Прошлой ночью — кажется, с тех пор прошла целая вечность — один из дозорных вернулся на корабль и рассказал, что противник действительно последовал за ними по Вест-Кайлу до выступа Бьюта и, обнаружив, что пролив тянется дальше, остановился там на ночь, разжег несколько костров на берегу и расставил собственных дозорных. Некоторые капитаны хотели напасть на них прямо там, но Онунд заметил, что тогда они потеряют всякое преимущество и столкнутся лицом к лицу с войском, почти вдвое большим, чем они. Так что решили держаться первоначального плана.
Именно тогда Бьярни приказали нести одиночный дозор на южном выступе Эйлин Даб и следить за всем, что происходит на Бьюте. Он гордился этим, ведь возможно — кто знает? — безопасность всего флота в его руках. Но он прекрасно понимал, что на самом деле его выбрали потому, что он умел плавать, в отличие от большинства моряков: по верованиям древних мореходов, если корабль потонет, вся команда уйдет вместе с ним под воду, а тонуть быстрее и легче, если не умеешь плавать.
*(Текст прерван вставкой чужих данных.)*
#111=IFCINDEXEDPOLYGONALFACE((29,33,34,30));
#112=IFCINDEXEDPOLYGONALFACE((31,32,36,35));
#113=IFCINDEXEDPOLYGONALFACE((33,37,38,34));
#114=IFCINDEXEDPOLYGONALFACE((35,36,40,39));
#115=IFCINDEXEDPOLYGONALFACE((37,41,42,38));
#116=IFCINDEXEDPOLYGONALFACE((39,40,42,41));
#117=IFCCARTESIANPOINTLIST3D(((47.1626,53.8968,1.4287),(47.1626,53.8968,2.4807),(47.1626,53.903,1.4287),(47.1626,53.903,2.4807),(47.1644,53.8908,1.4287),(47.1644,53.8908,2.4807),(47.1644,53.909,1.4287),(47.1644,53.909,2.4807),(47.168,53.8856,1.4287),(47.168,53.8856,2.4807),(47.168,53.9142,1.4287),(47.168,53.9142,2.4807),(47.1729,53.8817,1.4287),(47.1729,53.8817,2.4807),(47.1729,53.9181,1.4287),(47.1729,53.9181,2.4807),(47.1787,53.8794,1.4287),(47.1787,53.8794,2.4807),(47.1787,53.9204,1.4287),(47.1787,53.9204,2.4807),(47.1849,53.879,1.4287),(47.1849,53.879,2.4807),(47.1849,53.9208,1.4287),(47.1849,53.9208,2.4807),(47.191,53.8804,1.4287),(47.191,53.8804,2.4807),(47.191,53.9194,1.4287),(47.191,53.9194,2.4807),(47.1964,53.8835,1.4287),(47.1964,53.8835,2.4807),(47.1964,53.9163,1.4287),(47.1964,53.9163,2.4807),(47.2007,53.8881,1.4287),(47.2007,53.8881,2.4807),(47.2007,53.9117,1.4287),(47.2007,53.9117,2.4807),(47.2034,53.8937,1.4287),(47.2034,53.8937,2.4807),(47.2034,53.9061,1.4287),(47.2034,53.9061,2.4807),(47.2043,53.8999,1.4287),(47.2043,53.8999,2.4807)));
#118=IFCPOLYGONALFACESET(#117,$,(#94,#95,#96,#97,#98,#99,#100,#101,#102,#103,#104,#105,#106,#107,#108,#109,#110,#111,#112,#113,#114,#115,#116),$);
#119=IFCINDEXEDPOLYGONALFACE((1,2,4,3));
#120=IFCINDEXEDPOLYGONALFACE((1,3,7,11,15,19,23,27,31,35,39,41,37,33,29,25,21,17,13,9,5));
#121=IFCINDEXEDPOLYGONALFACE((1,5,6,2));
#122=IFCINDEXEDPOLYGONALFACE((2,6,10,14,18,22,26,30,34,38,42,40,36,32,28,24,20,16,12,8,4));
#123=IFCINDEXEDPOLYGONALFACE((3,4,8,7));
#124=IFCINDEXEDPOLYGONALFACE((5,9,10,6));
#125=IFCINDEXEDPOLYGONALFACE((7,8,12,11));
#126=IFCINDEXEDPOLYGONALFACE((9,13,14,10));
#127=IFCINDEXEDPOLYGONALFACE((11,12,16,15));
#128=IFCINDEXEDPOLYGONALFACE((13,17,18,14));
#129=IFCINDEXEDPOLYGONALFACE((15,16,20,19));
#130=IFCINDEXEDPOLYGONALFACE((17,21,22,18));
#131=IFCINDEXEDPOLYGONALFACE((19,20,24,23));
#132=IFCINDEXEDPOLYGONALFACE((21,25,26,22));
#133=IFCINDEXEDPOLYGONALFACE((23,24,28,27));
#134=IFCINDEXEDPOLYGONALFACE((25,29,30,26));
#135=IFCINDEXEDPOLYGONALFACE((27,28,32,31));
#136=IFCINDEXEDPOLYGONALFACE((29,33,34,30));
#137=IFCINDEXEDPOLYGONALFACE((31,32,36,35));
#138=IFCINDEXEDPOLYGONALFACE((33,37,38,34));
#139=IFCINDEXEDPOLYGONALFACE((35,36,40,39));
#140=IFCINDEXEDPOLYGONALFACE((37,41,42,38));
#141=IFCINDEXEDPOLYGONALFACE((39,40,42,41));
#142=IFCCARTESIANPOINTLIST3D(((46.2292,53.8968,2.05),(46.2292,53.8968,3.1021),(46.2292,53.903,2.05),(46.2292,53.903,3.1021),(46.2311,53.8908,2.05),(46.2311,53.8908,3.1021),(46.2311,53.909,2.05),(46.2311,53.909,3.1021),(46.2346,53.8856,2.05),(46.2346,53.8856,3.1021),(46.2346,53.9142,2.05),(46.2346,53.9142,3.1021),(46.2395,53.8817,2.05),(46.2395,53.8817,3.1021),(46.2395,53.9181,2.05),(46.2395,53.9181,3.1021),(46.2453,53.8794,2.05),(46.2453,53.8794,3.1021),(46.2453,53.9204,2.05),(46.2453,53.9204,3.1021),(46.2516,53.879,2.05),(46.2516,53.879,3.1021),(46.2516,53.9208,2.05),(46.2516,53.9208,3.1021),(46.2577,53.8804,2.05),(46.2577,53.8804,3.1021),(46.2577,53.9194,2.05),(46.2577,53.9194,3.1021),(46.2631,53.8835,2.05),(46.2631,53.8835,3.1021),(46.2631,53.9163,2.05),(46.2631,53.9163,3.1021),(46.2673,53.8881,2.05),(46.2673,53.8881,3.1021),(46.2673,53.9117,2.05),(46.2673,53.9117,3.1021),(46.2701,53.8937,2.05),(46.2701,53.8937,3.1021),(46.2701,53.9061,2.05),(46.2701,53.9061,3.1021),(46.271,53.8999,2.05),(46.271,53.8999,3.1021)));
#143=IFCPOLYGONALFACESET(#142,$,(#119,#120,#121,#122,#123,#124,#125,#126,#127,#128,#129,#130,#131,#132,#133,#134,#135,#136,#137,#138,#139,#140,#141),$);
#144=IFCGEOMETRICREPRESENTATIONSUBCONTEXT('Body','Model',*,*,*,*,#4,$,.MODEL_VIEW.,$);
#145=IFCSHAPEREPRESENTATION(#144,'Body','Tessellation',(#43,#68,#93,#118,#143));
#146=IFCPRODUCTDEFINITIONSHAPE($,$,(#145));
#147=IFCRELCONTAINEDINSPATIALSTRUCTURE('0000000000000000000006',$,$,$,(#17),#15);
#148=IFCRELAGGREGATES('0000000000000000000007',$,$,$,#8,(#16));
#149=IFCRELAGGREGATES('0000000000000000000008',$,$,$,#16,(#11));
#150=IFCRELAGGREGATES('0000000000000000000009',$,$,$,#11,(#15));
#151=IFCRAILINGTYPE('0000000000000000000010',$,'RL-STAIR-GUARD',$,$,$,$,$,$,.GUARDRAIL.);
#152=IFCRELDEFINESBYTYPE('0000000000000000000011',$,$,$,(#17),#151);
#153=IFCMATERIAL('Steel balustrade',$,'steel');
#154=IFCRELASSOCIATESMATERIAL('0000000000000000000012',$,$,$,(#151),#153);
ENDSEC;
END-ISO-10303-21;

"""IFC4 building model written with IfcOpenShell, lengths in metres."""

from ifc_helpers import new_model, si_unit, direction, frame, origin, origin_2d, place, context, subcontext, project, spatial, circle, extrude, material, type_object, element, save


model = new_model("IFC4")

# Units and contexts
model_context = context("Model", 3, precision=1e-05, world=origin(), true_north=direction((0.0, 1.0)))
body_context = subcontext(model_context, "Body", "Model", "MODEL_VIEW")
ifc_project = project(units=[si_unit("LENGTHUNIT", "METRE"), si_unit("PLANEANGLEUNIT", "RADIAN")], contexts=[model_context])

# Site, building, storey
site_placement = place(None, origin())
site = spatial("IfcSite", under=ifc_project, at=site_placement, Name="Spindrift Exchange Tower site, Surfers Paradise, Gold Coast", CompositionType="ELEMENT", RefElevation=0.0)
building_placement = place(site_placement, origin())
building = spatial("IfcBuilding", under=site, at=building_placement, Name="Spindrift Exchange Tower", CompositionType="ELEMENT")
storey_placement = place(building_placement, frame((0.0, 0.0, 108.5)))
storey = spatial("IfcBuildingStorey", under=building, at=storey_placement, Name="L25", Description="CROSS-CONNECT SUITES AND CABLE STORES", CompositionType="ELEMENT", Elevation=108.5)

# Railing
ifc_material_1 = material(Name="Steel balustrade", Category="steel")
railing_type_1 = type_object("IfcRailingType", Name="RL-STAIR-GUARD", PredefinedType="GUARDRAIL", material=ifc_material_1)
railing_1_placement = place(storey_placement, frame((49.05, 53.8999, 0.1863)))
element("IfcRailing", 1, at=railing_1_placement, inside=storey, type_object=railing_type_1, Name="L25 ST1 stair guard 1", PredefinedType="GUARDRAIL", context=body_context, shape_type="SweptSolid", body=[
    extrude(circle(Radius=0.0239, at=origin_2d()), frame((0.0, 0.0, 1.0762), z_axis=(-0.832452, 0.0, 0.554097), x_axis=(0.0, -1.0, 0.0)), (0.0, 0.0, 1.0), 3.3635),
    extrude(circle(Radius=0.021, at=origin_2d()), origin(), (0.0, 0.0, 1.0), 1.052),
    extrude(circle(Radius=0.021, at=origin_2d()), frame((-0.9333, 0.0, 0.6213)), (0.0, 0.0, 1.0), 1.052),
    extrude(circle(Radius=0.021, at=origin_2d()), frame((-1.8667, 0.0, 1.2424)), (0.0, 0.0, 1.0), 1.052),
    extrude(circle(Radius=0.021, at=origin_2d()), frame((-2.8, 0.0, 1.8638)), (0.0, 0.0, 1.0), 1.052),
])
Бьярни задумчиво водил пальцем по лезвию меча. Он терпеть не мог это безмолвие и одиночество перед битвой. Так неестественно и необычно. Он мог быть с остальной дружиной, среди шума и гама, военных песен и грохота щитов, блеска огня и факелов, которые горячили кровь еще до начала битвы. Но необычной казалась не только тишина. Бьярни уже достаточно давно жил среди воинов Барры и знал, что у Деревянной ноги странные представления о бое и что вряд ли их ждет привычное сражение викингов, которое велось почти по тем же правилам, что и дуэль, — корабли выстраивались в некое подобие боевой площадки, на которую нападал противник, — как сухопутные армии на уменьшенном поле боя. Онунд любил маневрировать флотом и превращал каждый корабль в отдельное боевое орудие. Рискованная тактика: нет никаких правил, и все зависит только от решения капитана, которое может измениться в любое мгновение, судя по обстоятельствам.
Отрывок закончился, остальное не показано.